I do 4 steps to one flip of the line, you can put a double wrap in your flip line round the trunk for a bit more security, i like to have a second line to flip as well for a bit of extra safety. Keep your body away from the trunk - lean back. 

Most importantly don't gaff the life line!


----------



## Davidsinatree (Dec 24, 2005)

JD,
What kind of gaffs did you pick up. There are some brands that kick out more that others. I prefer the kliens because they have never kicked out and if you have to be real close to the tree they still dont kick out because of the angle of the gaffs.
Also watch where you are placing your gaffs so not to spike your rope, I've done that a few times and its totally preventable by not getting in a hurry.
Be safe.
Bark can also peal loose from dying trees as you climb them, be sure to set your gaffs.


----------



## Koa Man (Dec 24, 2005)

I also like Kleins. I've used Bashlins, Buckinghams and Stringer-Brooks. IMO Kleins have the best gaff design, Stringer-Brooks the worst.


----------



## Diesel JD (Dec 24, 2005)

Brooks....they looked like a good entry level set.....the poles are not that dead...just topped out by the hurricane or recently dropped their leaves. About the boots, will a good set of GI army surplus boots be good for this? they are made by Altama and come up to my shin about halfway,
Thanks


----------



## Diesel JD (Dec 24, 2005)

Brooks....they looked like a good entry level set.....the poles are not that dead...just topped out by the hurricane or recently dropped their leaves. About the boots, will a good set of GI army surplus boots be good for this? they are made by Altama and come up to my shin about halfway,
Thanks


----------



## skwerl (Dec 24, 2005)

When I was younger, boots didn't matter so much. Anything with enough of a heel lip to prevent the gaffs from sliding back worked just fine. But all my weight (no wiseass cracks here) bearing on the arch of my foot got less tolerable as I got older. Now I'm using $200 mountaineering boots and if I wear gaffs with my lightweight boots it hurts like heck after 10-15 minutes. 

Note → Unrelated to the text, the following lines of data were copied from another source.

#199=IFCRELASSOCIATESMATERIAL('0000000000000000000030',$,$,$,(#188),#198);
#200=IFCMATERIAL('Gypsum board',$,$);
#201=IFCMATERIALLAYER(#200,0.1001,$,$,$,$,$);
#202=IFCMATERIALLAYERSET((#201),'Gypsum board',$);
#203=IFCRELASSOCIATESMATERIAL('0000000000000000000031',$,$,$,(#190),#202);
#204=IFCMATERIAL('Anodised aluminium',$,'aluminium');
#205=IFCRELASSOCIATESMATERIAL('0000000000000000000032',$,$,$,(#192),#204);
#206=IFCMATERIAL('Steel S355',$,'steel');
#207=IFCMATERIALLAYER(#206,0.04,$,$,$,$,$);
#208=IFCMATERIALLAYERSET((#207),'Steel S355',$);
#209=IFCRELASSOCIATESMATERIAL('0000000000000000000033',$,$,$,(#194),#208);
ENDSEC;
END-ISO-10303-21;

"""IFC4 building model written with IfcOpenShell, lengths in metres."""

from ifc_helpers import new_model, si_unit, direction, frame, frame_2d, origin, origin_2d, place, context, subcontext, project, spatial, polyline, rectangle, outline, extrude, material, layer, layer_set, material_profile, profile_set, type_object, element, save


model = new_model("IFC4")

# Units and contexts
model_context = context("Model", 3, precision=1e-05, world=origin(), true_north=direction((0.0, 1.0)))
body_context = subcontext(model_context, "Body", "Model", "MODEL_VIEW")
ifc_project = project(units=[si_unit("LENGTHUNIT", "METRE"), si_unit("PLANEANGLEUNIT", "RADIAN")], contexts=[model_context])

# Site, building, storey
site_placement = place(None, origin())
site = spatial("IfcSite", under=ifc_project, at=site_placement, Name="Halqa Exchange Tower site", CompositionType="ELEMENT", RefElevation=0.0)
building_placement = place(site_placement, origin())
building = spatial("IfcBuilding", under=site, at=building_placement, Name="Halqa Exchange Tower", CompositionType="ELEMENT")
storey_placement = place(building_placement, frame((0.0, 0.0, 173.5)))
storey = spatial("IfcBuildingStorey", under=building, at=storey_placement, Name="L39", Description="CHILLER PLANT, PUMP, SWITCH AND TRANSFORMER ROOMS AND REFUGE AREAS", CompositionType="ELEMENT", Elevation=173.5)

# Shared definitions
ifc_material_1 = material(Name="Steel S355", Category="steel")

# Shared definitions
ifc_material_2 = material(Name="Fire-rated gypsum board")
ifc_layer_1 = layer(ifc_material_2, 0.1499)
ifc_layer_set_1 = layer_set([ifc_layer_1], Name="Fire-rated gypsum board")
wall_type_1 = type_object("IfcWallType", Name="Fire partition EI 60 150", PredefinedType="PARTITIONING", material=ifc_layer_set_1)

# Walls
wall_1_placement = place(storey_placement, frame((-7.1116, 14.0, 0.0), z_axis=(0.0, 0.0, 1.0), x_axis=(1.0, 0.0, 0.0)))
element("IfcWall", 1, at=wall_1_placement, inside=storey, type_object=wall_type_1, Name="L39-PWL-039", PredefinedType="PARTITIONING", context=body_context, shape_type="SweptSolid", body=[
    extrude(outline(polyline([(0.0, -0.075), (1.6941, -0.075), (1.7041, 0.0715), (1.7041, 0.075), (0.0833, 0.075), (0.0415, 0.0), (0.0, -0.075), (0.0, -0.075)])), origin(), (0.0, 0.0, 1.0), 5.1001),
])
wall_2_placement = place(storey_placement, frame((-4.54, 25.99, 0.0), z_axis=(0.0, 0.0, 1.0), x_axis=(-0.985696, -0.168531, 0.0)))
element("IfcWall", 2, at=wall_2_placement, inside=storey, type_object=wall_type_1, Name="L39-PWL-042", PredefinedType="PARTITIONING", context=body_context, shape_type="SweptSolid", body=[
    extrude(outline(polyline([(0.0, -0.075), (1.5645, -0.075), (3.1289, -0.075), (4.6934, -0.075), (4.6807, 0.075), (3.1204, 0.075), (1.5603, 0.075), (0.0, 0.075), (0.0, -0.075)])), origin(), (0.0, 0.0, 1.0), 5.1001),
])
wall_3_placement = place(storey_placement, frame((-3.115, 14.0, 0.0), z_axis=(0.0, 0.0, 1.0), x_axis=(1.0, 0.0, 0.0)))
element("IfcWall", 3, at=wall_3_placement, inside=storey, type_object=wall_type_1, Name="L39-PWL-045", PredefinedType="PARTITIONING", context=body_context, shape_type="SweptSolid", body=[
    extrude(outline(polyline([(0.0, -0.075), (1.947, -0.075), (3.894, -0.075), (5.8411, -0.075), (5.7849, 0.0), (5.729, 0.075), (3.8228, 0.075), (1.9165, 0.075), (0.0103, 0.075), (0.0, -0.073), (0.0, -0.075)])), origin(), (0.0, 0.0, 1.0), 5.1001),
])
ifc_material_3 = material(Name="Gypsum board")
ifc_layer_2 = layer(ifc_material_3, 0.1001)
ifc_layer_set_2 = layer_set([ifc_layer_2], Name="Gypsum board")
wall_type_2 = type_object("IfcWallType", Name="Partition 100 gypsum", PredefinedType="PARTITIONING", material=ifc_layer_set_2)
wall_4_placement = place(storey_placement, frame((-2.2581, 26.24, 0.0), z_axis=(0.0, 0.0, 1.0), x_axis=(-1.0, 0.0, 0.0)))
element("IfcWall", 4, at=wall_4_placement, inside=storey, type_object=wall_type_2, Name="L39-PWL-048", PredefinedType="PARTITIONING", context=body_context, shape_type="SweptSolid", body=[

Basically, anything with a sturdy sole and enough heel lip to hold the gaff will work. Eventually you may look for boots with a steel shank to distribute your weight off your arch.


----------



## rahtreelimbs (Dec 24, 2005)

skwerl said:


> When I was younger, boots didn't matter so much. Anything with enough of a heel lip to prevent the gaffs from sliding back worked just fine. But all my weight (no wiseass cracks here) bearing on the arch of my foot got less tolerable as I got older. Now I'm using $200 mountaineering boots and if I wear gaffs with my lightweight boots it hurts like heck after 10-15 minutes.
> 
> Basically, anything with a sturdy sole and enough heel lip to hold the gaff will work. Eventually you may look for boots with a steel shank to distribute your weight off your arch.




Exactly, this makes all the difference. No more shanks digger into the ankles.

Best advice I was ever given......" keep yur ass out"!!!


----------



## BlueRidgeMark (Dec 24, 2005)

Diesel JD said:


> About the boots, will a good set of GI army surplus boots be good for this? they are made by Altama and come up to my shin about halfway,
> Thanks



I wouldn't recommend it. While I haven't climbed with spikes, I've climbed a few radio towers. You spend a lot of time putting your weight on metal bars that are, in most cases, WIDER than the stirrup of climbing spikes. The pressure on your arch is more concentrated with spikes. But even on towers, with wimpy boots (like Army boots) my arch gets sore after not very long. Those Army boots are NOT very good boots. 

Remember, Army boots were designed by a committee and produced by the lowest bidder.  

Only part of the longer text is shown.